Mumsnet has not checked the qualifications of anyone posting here. If you need help urgently or expert advice, please see our domestic violence webguide and/or relationships webguide. Many Mumsnetters experiencing domestic abuse have found this thread helpful: Listen up, everybody

I think my husband hates me

97 replies

NaturalOptimist · 25/06/2012 21:46

Sorry, not really posted before and don't know where to start. My husband is so horrible to me, I feel like I cry every day. He just came home from work and said he was going to put the rubbish out. I asked him (nicely!) to add a piece of cardboard that was in the garden to it and he got so angry with me. Said I should pull my thumb out and do it myself, that I'm selfish, always making demands on him. I work full time and do 90% of the housework, rush home from work to look after our DD (18 months) so he can go to work part-time. I feel so isolated, no family in the UK, never go out and have any fun. He says it's because I'm so selfish that I don't have many friends, but I don't think I am. I try to be kind and treat other people with respect.

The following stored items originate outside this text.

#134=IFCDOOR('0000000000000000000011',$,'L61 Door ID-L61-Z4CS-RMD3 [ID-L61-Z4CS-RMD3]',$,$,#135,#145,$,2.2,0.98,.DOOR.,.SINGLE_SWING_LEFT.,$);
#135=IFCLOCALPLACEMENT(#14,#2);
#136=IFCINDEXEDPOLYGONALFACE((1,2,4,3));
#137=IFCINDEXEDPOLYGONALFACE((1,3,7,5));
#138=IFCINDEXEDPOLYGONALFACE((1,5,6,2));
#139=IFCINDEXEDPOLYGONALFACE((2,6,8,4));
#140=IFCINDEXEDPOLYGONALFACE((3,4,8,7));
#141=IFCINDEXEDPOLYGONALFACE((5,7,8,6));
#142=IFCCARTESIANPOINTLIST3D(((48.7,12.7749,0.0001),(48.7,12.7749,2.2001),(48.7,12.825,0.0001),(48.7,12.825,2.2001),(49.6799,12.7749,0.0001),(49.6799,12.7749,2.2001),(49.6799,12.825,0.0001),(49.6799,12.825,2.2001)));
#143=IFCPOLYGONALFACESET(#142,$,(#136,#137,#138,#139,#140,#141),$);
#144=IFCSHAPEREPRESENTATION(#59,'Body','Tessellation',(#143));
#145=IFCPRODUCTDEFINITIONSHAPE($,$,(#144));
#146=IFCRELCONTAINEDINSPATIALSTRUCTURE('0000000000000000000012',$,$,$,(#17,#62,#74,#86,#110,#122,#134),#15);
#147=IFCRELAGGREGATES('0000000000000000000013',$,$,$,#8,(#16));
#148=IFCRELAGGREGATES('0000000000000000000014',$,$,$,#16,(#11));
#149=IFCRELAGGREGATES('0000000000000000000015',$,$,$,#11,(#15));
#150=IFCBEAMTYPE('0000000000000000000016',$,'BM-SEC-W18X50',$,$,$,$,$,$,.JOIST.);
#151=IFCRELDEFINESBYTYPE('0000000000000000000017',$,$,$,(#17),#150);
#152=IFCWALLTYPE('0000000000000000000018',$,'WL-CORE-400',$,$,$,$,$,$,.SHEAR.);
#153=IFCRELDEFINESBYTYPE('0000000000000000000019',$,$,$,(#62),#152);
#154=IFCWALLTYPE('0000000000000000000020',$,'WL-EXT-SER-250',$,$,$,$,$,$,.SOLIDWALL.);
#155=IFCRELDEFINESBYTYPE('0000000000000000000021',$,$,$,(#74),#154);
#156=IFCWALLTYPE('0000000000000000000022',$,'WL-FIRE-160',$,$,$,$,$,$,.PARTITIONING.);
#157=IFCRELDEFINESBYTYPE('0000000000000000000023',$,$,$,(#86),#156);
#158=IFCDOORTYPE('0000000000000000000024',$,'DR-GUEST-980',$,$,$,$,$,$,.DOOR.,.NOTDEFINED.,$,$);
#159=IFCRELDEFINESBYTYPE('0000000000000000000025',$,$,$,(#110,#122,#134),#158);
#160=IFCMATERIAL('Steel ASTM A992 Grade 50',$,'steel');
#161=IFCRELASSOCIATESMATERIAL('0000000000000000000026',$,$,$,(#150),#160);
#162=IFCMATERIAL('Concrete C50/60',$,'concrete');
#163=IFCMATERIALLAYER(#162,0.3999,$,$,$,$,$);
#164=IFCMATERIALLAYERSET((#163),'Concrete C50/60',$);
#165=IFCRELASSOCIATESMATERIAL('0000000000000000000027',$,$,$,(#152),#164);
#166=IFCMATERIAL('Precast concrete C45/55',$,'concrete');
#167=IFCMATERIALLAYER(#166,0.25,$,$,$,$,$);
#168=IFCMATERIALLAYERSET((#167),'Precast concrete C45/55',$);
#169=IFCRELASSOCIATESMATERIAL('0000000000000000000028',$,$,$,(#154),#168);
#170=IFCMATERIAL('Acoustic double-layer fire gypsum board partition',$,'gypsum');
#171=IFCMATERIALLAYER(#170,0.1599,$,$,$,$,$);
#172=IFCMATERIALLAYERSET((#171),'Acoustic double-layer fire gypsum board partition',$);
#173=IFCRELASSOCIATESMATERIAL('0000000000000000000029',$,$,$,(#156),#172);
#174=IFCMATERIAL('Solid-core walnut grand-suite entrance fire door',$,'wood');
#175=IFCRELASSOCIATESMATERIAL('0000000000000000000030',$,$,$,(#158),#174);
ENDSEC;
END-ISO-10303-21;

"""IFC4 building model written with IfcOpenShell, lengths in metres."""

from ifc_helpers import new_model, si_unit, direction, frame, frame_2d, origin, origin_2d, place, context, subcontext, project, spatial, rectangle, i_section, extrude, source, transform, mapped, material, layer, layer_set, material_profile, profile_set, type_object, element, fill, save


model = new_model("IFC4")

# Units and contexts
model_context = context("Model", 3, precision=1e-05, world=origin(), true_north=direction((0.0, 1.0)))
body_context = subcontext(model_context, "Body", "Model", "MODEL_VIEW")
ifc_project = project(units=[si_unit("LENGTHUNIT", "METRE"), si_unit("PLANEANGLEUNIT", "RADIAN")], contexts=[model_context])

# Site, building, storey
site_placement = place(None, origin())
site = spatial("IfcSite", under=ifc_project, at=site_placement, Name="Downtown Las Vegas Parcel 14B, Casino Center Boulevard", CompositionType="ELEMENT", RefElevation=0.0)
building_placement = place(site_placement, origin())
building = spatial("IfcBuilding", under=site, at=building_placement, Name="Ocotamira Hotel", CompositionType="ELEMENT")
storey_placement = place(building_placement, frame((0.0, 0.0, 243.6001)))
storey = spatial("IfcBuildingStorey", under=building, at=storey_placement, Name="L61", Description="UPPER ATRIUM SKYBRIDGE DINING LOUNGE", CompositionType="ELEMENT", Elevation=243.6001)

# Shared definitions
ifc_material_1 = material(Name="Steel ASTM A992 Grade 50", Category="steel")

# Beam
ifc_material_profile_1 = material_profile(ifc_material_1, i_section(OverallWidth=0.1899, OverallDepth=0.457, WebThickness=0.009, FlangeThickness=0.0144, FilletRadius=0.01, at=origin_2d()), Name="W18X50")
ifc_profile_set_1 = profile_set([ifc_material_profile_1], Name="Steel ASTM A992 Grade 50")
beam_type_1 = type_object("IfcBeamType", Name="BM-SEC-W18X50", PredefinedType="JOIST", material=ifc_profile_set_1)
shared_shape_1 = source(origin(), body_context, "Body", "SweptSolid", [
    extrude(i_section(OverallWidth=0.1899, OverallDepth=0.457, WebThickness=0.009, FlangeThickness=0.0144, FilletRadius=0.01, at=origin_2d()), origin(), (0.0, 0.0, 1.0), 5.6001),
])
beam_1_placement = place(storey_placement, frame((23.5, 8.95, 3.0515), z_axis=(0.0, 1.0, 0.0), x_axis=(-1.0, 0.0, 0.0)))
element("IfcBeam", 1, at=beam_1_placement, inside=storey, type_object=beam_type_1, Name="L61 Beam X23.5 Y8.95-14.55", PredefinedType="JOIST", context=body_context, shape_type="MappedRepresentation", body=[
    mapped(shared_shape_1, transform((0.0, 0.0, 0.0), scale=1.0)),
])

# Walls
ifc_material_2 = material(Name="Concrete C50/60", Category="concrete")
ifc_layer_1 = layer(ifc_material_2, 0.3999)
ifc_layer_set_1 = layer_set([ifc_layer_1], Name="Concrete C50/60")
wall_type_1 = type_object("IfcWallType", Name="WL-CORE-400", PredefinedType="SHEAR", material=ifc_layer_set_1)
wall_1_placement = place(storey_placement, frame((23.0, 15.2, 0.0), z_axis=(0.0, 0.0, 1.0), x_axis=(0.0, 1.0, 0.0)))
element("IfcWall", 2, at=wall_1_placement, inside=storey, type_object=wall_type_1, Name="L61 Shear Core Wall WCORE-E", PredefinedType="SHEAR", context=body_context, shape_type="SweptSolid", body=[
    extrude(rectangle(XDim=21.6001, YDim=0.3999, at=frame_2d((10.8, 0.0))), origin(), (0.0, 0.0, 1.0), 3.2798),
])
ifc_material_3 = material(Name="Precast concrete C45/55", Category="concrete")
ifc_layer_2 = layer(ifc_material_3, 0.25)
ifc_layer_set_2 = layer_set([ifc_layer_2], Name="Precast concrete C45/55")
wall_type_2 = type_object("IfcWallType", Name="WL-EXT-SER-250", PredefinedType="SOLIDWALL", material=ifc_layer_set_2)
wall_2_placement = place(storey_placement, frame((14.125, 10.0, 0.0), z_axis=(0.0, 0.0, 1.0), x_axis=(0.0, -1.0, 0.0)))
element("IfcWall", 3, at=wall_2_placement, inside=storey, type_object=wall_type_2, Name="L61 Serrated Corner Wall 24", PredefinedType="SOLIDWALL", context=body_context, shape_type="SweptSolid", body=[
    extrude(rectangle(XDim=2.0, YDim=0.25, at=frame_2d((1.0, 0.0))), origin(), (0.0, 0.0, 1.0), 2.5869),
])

Crying so much, I can't see to type.

OP posts:
NorksAreMessy · 25/06/2012 22:13

You DO have support. Here we all are.
Just imagine the whole of MN lining up behind you, all on your side, all saying to your husband "this is WRONG and naturalOptimist has HAD ENOUGH"

He is wrong. You are strong.

Never mind if this is your second or 42nd marriage. It is still wrong the way he is treating you

EclecticShock · 25/06/2012 22:26

Can you get some legal advice?

AnyFucker · 25/06/2012 22:29

OP, ignore my little rant. My despair is for you and all women in a similar situation.

I am so sorry that, for whatever reason, you think that staying with an abuser is the less-awful option

MoChan · 25/06/2012 22:53

'selfish cunt'...? He said that?

Please don't put up with this. It is not acceptable, you deserve better. Don't let years of your life slip by, wasted on someone who is prepared to treat you like that. You deserve to be happy. Not abused.

Abitwobblynow · 25/06/2012 23:15

Yet I own the house, earn the money and pay all the bills

Thank goodness! Are you married? Are you married in community of property?

What would he do if you looked at him and said calmly, 'please don't speak to me like that'?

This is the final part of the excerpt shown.